Give the overall structure of the algorithm. In many cases this will be lung segmentation, candidate detection, feature computation for each candidate, classification of candidates
Briefly describe each step in the structure of the algorithm (how were the lung segmented, how were candidates detected, what features were used, what classifier was used).
List limitations of the algorithm. Is the algorithm specifically designed to detect only certain types of nodules? What size ranges was the algorithm optimized for? Can the method detect nodules connected to vasculature, the pleural surface, can it detect non-solid and part-solid nodules? Was it optimized to work for scans with thick or thin slices, are other technical scan parameters expected to influence detection performance?
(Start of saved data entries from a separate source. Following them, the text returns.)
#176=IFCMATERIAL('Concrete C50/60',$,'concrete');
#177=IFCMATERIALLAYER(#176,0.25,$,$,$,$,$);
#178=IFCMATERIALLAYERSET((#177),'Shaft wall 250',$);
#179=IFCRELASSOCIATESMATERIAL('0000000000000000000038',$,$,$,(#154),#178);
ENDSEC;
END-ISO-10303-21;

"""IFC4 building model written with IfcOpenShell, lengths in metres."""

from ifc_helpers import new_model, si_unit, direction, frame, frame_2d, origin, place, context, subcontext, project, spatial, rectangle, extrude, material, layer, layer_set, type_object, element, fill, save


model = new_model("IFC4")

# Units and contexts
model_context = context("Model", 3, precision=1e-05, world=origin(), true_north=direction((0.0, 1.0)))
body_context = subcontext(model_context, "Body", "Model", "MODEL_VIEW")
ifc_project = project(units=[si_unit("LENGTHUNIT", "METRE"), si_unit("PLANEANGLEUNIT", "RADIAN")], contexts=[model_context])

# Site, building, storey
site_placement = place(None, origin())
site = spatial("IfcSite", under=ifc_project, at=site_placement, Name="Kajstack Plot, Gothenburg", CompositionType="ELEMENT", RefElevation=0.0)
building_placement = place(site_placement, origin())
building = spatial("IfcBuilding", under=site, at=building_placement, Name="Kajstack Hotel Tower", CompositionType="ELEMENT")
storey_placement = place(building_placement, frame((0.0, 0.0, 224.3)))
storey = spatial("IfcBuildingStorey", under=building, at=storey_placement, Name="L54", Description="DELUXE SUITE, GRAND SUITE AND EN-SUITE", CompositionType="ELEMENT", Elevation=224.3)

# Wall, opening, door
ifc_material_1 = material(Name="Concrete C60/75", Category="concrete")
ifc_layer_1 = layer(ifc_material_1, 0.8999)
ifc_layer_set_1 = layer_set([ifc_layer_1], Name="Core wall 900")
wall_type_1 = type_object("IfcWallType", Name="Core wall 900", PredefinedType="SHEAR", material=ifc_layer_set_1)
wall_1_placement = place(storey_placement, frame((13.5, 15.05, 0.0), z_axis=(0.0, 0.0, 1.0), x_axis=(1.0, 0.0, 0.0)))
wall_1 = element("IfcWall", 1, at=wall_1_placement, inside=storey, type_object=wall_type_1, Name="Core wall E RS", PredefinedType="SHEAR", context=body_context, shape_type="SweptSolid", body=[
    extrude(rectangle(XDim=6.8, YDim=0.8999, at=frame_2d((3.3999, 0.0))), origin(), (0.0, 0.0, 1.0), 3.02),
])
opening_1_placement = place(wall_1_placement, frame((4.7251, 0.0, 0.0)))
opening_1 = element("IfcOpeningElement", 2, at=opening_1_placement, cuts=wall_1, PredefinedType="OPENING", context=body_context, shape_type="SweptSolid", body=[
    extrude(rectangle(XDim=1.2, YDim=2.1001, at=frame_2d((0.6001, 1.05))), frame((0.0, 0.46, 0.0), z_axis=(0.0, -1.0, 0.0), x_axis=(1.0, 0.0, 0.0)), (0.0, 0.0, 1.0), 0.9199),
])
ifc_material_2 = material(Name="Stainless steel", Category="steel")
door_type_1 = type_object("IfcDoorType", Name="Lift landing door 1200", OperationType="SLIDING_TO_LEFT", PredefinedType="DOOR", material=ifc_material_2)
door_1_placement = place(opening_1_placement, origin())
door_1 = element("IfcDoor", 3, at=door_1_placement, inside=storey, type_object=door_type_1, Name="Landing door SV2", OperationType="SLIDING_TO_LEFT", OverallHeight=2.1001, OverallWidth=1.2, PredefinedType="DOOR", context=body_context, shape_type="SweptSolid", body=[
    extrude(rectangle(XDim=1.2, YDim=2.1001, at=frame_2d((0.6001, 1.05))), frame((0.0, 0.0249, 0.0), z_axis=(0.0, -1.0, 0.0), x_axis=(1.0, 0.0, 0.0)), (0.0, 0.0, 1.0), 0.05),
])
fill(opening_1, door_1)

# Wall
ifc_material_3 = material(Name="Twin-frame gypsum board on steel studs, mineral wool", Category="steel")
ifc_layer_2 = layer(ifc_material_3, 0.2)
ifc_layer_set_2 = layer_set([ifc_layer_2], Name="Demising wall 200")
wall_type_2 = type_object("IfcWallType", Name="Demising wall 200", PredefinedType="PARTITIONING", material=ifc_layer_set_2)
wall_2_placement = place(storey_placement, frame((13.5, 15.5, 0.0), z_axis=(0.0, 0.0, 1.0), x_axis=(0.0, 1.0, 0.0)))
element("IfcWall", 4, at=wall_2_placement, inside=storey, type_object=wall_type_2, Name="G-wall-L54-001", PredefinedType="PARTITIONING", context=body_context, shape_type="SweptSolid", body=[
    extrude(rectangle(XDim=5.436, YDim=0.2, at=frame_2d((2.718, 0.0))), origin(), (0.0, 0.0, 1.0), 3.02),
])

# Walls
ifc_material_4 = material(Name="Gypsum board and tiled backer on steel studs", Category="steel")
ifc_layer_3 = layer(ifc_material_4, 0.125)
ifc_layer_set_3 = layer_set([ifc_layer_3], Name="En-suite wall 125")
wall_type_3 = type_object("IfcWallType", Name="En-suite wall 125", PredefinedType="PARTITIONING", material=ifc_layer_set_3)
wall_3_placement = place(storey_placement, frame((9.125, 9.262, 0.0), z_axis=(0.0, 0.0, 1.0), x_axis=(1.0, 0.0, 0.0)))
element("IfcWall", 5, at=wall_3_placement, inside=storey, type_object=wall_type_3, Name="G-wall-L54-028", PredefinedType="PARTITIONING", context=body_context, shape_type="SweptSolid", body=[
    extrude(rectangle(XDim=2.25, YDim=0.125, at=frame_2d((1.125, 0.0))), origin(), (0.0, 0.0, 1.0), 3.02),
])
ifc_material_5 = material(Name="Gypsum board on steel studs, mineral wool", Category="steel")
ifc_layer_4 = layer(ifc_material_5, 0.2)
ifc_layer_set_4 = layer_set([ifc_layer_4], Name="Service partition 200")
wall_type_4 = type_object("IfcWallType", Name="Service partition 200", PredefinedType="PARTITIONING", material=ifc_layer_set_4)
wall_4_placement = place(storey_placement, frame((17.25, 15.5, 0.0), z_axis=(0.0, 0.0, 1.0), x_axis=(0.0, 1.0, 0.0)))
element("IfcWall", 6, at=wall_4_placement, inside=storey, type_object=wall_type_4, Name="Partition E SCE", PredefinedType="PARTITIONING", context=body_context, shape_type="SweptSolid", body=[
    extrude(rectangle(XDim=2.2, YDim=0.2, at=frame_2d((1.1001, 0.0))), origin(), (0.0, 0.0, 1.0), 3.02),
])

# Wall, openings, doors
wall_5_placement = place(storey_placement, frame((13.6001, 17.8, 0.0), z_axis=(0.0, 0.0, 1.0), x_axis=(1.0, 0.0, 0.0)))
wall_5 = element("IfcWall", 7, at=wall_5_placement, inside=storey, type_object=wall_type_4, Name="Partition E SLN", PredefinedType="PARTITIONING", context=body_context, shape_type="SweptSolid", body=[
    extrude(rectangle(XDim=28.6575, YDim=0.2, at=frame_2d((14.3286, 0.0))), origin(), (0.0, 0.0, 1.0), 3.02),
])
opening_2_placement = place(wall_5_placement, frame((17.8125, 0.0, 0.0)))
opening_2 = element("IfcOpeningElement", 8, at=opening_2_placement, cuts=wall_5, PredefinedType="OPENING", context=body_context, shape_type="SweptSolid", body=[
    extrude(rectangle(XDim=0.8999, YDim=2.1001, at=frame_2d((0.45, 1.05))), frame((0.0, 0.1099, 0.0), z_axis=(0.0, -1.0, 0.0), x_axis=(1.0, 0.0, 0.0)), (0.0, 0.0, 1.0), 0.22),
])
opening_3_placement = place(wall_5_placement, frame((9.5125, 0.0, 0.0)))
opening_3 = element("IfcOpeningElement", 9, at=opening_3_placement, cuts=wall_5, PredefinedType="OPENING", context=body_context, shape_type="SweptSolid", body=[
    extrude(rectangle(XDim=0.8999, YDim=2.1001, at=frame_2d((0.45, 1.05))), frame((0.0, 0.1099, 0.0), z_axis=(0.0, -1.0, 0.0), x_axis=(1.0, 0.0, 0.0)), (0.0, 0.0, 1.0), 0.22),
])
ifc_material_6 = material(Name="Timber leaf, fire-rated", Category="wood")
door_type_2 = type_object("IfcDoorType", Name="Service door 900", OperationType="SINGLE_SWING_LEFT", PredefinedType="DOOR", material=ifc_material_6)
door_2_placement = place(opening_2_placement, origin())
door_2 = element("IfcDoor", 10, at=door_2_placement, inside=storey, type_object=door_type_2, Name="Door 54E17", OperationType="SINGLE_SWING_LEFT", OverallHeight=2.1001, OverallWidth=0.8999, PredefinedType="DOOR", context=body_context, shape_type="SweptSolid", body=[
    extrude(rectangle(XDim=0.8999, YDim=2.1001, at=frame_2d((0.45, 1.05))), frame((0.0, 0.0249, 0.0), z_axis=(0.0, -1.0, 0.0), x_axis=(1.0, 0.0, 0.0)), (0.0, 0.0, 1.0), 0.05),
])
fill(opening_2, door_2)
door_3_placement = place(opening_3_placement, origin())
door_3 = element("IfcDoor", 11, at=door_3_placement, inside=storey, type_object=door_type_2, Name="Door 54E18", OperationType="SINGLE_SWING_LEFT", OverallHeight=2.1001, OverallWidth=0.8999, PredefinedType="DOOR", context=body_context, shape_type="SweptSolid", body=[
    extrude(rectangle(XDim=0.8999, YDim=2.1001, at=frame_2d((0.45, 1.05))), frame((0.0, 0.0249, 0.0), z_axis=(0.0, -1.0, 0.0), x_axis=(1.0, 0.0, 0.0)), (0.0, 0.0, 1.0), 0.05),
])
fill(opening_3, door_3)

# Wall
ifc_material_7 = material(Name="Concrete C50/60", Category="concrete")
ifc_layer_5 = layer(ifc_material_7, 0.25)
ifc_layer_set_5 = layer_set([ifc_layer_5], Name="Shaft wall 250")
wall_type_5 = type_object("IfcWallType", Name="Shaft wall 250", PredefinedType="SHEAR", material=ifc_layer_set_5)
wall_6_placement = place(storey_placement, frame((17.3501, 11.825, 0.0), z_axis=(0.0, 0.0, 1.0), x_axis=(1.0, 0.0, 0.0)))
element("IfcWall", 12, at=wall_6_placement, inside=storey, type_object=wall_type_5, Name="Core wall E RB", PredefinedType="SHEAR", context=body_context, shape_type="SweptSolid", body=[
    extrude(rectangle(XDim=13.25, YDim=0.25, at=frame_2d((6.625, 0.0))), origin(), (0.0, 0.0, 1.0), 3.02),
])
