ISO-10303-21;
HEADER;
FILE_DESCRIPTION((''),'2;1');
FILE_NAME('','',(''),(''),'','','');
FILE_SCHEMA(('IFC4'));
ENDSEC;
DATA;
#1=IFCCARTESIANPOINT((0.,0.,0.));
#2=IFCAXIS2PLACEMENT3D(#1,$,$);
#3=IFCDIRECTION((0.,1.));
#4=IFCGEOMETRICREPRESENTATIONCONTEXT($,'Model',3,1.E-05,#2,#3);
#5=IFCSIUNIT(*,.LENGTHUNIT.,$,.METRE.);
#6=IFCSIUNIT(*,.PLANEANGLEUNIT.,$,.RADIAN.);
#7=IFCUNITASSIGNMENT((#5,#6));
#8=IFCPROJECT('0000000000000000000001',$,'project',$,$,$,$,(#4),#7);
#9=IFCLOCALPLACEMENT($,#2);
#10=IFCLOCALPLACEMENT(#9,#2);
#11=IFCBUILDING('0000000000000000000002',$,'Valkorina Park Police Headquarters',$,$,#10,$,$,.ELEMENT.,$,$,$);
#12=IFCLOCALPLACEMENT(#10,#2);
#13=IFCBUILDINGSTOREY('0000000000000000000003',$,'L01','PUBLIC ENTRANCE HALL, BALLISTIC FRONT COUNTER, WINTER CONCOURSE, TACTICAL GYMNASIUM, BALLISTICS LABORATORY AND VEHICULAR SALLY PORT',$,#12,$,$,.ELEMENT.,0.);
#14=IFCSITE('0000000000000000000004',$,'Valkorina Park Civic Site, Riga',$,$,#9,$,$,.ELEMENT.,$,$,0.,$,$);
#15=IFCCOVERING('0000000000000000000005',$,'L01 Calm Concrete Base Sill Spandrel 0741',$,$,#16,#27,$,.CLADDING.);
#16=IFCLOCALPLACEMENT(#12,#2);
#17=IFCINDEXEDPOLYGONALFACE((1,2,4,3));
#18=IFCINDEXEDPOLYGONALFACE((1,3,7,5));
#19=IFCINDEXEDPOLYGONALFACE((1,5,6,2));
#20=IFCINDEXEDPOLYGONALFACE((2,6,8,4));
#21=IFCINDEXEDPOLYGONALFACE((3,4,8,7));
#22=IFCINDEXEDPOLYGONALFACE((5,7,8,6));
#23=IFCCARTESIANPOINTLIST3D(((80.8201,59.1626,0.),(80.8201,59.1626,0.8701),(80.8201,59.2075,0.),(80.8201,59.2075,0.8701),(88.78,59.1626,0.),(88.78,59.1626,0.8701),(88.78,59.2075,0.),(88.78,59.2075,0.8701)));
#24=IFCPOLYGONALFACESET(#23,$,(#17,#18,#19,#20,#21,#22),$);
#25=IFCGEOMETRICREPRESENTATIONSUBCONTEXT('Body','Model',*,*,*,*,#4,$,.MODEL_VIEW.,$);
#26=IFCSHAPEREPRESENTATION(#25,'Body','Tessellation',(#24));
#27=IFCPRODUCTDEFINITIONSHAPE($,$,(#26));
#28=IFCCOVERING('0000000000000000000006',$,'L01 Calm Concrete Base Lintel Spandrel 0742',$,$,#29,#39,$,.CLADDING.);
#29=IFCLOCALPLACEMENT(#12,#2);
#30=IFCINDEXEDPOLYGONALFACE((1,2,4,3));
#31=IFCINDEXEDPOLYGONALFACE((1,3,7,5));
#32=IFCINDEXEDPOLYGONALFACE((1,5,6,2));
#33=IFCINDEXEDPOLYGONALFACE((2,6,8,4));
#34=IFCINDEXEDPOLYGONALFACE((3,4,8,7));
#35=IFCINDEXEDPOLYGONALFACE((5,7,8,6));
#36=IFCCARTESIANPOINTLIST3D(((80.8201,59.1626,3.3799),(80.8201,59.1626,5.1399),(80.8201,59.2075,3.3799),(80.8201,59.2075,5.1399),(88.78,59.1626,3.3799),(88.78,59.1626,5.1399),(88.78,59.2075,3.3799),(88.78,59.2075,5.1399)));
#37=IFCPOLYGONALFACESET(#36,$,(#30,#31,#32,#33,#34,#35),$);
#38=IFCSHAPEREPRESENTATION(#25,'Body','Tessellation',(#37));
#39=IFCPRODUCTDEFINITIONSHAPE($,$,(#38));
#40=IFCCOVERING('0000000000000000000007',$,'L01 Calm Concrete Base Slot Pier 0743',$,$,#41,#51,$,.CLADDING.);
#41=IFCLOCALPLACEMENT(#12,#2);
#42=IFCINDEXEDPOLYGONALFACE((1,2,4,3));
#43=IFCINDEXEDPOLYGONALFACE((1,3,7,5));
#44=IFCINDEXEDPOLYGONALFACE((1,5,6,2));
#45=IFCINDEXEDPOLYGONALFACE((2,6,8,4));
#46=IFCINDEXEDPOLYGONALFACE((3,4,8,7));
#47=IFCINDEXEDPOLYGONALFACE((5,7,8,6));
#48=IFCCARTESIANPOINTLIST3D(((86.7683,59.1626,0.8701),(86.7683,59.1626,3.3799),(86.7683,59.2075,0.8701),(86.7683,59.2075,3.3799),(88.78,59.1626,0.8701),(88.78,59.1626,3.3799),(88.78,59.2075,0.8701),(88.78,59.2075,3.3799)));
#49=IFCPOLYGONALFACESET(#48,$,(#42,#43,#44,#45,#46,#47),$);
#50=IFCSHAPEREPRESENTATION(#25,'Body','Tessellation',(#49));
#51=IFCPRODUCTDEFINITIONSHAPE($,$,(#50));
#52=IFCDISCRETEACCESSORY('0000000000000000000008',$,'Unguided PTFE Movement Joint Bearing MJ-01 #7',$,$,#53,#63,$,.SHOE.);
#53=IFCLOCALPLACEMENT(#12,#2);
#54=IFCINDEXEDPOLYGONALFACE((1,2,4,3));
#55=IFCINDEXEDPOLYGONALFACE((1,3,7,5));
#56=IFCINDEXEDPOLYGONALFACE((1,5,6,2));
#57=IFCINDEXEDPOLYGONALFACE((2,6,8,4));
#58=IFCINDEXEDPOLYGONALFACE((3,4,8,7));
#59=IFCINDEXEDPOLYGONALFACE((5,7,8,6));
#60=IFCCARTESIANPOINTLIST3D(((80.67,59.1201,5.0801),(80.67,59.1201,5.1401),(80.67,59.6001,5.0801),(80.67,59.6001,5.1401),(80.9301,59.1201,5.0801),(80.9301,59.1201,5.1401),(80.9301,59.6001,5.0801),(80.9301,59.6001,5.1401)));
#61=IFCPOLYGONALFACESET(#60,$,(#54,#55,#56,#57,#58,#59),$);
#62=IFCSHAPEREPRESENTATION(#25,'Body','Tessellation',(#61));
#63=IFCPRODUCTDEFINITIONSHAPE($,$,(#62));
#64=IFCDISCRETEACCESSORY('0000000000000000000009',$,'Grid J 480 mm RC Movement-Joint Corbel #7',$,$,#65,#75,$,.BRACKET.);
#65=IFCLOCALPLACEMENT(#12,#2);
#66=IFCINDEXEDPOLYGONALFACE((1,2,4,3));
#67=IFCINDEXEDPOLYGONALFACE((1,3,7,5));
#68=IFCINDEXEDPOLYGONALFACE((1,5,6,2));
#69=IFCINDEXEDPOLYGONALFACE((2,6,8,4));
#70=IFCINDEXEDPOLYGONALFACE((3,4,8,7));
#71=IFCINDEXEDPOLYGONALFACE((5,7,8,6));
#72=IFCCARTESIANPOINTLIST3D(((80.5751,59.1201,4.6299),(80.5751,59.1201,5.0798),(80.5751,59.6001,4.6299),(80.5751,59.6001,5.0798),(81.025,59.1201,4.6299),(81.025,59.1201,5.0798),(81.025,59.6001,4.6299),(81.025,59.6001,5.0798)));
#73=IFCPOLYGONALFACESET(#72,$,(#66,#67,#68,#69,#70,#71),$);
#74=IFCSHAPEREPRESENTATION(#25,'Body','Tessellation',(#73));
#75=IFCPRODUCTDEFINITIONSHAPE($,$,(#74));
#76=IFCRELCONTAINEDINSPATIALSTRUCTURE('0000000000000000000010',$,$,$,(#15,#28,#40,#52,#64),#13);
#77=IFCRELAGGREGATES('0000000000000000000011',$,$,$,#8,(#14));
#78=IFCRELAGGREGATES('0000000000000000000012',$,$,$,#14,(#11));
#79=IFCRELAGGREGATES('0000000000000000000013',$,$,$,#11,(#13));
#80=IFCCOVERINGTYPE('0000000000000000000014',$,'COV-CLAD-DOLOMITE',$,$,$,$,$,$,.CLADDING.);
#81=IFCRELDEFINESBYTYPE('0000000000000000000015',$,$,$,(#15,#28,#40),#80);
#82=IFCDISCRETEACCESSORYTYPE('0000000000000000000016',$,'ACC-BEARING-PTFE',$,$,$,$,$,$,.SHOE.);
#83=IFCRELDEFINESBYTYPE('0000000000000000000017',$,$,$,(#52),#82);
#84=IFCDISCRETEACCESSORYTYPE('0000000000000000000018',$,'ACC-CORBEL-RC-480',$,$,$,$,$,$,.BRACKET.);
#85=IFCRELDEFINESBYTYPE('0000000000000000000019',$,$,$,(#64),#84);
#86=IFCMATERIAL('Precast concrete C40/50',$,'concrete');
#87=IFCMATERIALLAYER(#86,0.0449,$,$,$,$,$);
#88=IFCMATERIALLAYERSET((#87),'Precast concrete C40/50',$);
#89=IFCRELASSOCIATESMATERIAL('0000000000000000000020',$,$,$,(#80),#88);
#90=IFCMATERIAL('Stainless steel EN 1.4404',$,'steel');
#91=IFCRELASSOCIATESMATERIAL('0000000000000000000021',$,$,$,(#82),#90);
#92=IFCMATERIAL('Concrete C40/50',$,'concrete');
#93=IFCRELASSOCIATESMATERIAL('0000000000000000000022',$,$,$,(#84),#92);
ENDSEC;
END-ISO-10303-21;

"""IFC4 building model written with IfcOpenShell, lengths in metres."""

from ifc_helpers import new_model, si_unit, direction, frame, frame_2d, origin, origin_2d, place, context, subcontext, project, spatial, rectangle, extrude, material, layer, layer_set, type_object, element, save


model = new_model("IFC4")

# Units and contexts
model_context = context("Model", 3, precision=1e-05, world=origin(), true_north=direction((0.0, 1.0)))
body_context = subcontext(model_context, "Body", "Model", "MODEL_VIEW")
ifc_project = project(units=[si_unit("LENGTHUNIT", "METRE"), si_unit("PLANEANGLEUNIT", "RADIAN")], contexts=[model_context])

# Site, building, storey
site_placement = place(None, origin())
site = spatial("IfcSite", under=ifc_project, at=site_placement, Name="Valkorina Park Civic Site, Riga", CompositionType="ELEMENT", RefElevation=0.0)
building_placement = place(site_placement, origin())
building = spatial("IfcBuilding", under=site, at=building_placement, Name="Valkorina Park Police Headquarters", CompositionType="ELEMENT")
storey_placement = place(building_placement, origin())
storey = spatial("IfcBuildingStorey", under=building, at=storey_placement, Name="L01", Description="PUBLIC ENTRANCE HALL, BALLISTIC FRONT COUNTER, WINTER CONCOURSE, TACTICAL GYMNASIUM, BALLISTICS LABORATORY AND VEHICULAR SALLY PORT", CompositionType="ELEMENT", Elevation=0.0)

# Shared definitions
ifc_material_1 = material(Name="Concrete C40/50", Category="concrete")

# Coverings
ifc_material_2 = material(Name="Precast concrete C40/50", Category="concrete")
ifc_layer_1 = layer(ifc_material_2, 0.0449)
ifc_layer_set_1 = layer_set([ifc_layer_1], Name="Precast concrete C40/50")
covering_type = type_object("IfcCoveringType", Name="COV-CLAD-DOLOMITE", PredefinedType="CLADDING", material=ifc_layer_set_1)
covering_1_placement = place(storey_placement, frame((88.78, 59.1851, 0.0), z_axis=(0.0, 0.0, 1.0), x_axis=(-1.0, 0.0, 0.0)))
element("IfcCovering", 1, at=covering_1_placement, inside=storey, type_object=covering_type, Name="L01 Calm Concrete Base Sill Spandrel 0741", PredefinedType="CLADDING", context=body_context, shape_type="SweptSolid", body=[
    extrude(rectangle(XDim=7.96, YDim=0.0449, at=frame_2d((3.98, 0.0))), origin(), (0.0, 0.0, 1.0), 0.8701),
])
covering_2_placement = place(storey_placement, frame((88.78, 59.1851, 3.3799), z_axis=(0.0, 0.0, 1.0), x_axis=(-1.0, 0.0, 0.0)))
element("IfcCovering", 2, at=covering_2_placement, inside=storey, type_object=covering_type, Name="L01 Calm Concrete Base Lintel Spandrel 0742", PredefinedType="CLADDING", context=body_context, shape_type="SweptSolid", body=[
    extrude(rectangle(XDim=7.96, YDim=0.0449, at=frame_2d((3.98, 0.0))), origin(), (0.0, 0.0, 1.0), 1.76),
])
covering_3_placement = place(storey_placement, frame((88.78, 59.1851, 0.8701), z_axis=(0.0, 0.0, 1.0), x_axis=(-1.0, 0.0, 0.0)))
element("IfcCovering", 3, at=covering_3_placement, inside=storey, type_object=covering_type, Name="L01 Calm Concrete Base Slot Pier 0743", PredefinedType="CLADDING", context=body_context, shape_type="SweptSolid", body=[
    extrude(rectangle(XDim=2.0117, YDim=0.0449, at=frame_2d((1.0059, 0.0))), origin(), (0.0, 0.0, 1.0), 2.5098),
])

# Discrete accessories
ifc_material_3 = material(Name="Stainless steel EN 1.4404", Category="steel")
discrete_accessory_type_1 = type_object("IfcDiscreteAccessoryType", Name="ACC-BEARING-PTFE", PredefinedType="SHOE", material=ifc_material_3)
discrete_accessory_1_placement = place(storey_placement, frame((80.8, 59.3601, 5.0801), z_axis=(0.0, 0.0, 1.0), x_axis=(1.0, 0.0, 0.0)))
element("IfcDiscreteAccessory", 4, at=discrete_accessory_1_placement, inside=storey, type_object=discrete_accessory_type_1, Name="Unguided PTFE Movement Joint Bearing MJ-01 #7", PredefinedType="SHOE", context=body_context, shape_type="SweptSolid", body=[
    extrude(rectangle(XDim=0.26, YDim=0.48, at=origin_2d()), origin(), (0.0, 0.0, 1.0), 0.0601),
])
discrete_accessory_type_2 = type_object("IfcDiscreteAccessoryType", Name="ACC-CORBEL-RC-480", PredefinedType="BRACKET", material=ifc_material_1)
discrete_accessory_2_placement = place(storey_placement, frame((80.8, 59.3601, 4.6299), z_axis=(0.0, 0.0, 1.0), x_axis=(1.0, 0.0, 0.0)))
element("IfcDiscreteAccessory", 5, at=discrete_accessory_2_placement, inside=storey, type_object=discrete_accessory_type_2, Name="Grid J 480 mm RC Movement-Joint Corbel #7", PredefinedType="BRACKET", context=body_context, shape_type="SweptSolid", body=[
    extrude(rectangle(XDim=0.45, YDim=0.48, at=origin_2d()), origin(), (0.0, 0.0, 1.0), 0.45),
])

save(model, "model.ifc")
If the algorithm has been tested on other databases, you could consider including those result

How often can I submit results?¶

Teams can upload as often as they want, but the new submission is expected to be substantially different from previous submissions. If you have developed a new algorithm, and you are already listed on the site with another system, you can either use the same team or create a new team for your new algorithm.